I only have one post at the moment and want it to just redirect to post using .htaccess.

Thanks!

A: 

What you're looking for is called URL Rewriting. Here's a tutorial on how to do it:

http://www.yourhtmlsource.com/sitemanagement/urlrewriting.html

Although I'm a .NET guy, and usually do this using the ASP.NET routing engine, I think this will do what you need it to:

RewriteRule ^blog(/)?$ /blog/somespecificurl/

Chris Koenig
This doesn't seem to do the trick. I'm going to keep trying. RewriteRule ^guide(/)?$ /guide/college-student-laptop-guide-2010/
Daniel O'Connor
Take a look at my answer, hopefully it will fix the problem.
AriX
A: 

If don't have access to the server config, and just want to do it in HTML, you can do it this way:

(in the head of http://site.com/blog/index.html)

<meta HTTP-EQUIV="REFRESH" content="0;url=http://site.com/blog/somespecificurl/"&gt;

The 0 is the number of seconds to wait to redirect.

cactusbin
How could I do it (302 redirect) in the .htaccess file? Thanks
Daniel O'Connor
Oh, I apologize.AriX answered this correctly:RewriteRule ^blog(/)?$ /blog/newarticle.html [R]
cactusbin
+1  A: 

As long as you have mod_rewrite enabled in your Apache configuration, you can just make a .htaccess file with these contents:

RewriteEngine on
RewriteRule ^blog(/)?$ /blog/newarticle.html [R]
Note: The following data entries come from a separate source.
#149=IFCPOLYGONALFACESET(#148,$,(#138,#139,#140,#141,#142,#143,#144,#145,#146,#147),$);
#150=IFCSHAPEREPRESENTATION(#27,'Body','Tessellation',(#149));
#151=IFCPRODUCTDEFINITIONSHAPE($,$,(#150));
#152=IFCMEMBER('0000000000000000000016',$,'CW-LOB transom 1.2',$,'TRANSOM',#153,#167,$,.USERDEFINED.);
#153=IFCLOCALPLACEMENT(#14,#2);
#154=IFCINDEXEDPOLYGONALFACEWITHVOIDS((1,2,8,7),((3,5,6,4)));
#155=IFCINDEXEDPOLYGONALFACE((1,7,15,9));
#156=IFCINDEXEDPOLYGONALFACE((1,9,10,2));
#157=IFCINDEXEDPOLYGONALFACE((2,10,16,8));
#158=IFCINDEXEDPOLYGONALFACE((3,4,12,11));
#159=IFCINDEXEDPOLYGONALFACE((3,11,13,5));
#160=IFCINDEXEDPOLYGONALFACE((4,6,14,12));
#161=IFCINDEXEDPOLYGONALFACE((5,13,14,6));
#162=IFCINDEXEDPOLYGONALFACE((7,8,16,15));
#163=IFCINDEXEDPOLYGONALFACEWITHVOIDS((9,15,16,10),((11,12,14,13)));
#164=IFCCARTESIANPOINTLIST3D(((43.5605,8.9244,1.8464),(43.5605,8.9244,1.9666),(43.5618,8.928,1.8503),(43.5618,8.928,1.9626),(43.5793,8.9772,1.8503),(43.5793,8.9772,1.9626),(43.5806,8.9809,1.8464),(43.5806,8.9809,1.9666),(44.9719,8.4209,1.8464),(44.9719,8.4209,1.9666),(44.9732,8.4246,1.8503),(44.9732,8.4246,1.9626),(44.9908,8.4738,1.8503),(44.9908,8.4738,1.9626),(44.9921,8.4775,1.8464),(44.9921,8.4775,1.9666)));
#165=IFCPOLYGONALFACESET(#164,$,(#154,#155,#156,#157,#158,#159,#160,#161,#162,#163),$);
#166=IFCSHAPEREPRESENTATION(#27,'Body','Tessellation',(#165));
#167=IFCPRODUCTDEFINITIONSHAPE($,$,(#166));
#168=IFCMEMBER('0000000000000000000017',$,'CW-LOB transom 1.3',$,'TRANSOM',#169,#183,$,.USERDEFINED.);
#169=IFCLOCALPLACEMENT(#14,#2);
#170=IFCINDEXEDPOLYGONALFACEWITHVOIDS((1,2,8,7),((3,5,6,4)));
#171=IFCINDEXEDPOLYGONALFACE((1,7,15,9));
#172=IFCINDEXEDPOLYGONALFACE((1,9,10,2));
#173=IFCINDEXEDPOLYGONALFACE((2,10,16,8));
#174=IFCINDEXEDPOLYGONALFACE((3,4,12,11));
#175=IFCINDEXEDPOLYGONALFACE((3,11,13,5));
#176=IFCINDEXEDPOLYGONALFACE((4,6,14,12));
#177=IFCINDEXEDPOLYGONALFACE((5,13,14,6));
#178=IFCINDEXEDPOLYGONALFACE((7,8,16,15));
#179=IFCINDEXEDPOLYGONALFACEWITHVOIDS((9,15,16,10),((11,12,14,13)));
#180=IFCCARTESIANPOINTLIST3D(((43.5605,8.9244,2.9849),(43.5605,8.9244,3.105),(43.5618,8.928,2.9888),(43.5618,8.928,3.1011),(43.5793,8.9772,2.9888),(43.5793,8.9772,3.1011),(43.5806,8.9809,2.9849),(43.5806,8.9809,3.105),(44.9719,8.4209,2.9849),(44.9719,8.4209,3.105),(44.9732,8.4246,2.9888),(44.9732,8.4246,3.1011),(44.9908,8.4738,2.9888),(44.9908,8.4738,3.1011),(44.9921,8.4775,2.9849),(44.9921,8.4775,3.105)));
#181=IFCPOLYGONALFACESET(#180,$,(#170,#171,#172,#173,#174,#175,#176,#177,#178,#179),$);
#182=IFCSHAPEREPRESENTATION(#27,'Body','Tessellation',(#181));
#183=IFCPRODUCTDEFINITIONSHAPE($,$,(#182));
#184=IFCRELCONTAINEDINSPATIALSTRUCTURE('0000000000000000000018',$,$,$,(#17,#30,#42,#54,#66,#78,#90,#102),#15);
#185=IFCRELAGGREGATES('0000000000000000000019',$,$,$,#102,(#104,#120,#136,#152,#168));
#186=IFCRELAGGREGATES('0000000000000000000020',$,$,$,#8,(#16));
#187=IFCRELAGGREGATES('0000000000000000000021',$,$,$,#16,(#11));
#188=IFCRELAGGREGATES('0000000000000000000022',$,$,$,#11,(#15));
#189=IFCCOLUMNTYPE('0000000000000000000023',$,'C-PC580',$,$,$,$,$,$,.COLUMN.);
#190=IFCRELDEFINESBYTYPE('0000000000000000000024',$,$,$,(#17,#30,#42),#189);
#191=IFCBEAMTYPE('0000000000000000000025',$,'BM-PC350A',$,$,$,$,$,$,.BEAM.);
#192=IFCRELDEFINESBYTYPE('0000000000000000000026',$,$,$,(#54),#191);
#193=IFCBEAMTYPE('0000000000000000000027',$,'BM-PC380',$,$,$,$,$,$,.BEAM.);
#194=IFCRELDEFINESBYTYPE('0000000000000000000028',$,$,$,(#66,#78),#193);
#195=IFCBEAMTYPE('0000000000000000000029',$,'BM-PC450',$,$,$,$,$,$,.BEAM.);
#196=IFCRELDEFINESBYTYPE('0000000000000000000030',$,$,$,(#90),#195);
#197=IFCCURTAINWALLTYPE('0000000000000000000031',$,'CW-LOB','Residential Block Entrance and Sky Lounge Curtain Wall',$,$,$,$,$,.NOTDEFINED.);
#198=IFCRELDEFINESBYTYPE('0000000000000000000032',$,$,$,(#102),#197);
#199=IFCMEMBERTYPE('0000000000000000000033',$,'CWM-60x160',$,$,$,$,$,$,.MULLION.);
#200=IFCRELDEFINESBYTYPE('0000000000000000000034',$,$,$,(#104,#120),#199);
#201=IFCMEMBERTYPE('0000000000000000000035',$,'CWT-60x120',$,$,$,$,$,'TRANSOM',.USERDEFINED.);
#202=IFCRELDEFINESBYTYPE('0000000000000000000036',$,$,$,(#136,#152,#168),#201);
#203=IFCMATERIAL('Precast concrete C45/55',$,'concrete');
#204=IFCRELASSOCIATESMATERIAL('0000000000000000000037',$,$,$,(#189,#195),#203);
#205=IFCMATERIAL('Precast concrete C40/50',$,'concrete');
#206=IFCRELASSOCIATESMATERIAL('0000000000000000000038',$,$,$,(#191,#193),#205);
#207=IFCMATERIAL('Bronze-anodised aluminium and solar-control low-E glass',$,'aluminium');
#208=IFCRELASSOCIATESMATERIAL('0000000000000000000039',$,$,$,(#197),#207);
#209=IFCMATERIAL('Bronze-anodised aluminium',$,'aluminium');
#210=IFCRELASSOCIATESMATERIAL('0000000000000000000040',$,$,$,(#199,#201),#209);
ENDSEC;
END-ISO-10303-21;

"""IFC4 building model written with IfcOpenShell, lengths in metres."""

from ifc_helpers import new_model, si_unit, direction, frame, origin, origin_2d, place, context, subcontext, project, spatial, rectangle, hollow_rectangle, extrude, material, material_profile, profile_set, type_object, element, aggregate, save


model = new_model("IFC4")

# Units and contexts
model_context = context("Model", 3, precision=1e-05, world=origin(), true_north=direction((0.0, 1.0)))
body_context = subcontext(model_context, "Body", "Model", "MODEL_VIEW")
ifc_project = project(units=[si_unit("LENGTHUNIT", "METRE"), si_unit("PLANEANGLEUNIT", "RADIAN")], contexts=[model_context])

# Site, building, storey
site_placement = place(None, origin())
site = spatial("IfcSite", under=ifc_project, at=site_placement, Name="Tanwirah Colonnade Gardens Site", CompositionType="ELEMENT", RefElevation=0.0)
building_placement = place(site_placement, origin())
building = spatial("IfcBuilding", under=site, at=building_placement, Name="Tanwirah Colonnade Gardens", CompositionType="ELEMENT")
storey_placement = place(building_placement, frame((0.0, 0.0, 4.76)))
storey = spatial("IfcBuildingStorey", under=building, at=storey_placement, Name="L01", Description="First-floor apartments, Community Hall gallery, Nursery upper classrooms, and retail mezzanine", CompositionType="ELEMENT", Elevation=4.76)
The RewriteEngine line is important, because it tells Apache to actually pay attention to RewriteRule commands. If RewriteEngine on is specified by default, this is unnecessary, but in many cases, it is not specified by default. The [R] means to force the URL rewrite as a new HTTP request, causing an actual full-fledged redirect (this is unnecessary, it depends on what you're looking for).

Alternatively, you could use the HTTP meta refresh, which is simpler but requires loading the page before the redirection even happens, or you could use PHP redirects if you have PHP enabled on the server. If so, try this in /blog/index.php:

<?php
header('Location: /blog/newarticle.html');
?>
AriX
Thanks, but I can't seem to get this to work. RewriteRule ^guide(/)?$ /guide/college-student-laptop-guide-2010/ [R]
Daniel O'Connor
Even with the RewriteEngine on? Also, did you try the PHP based solution? It's a little bit simpler.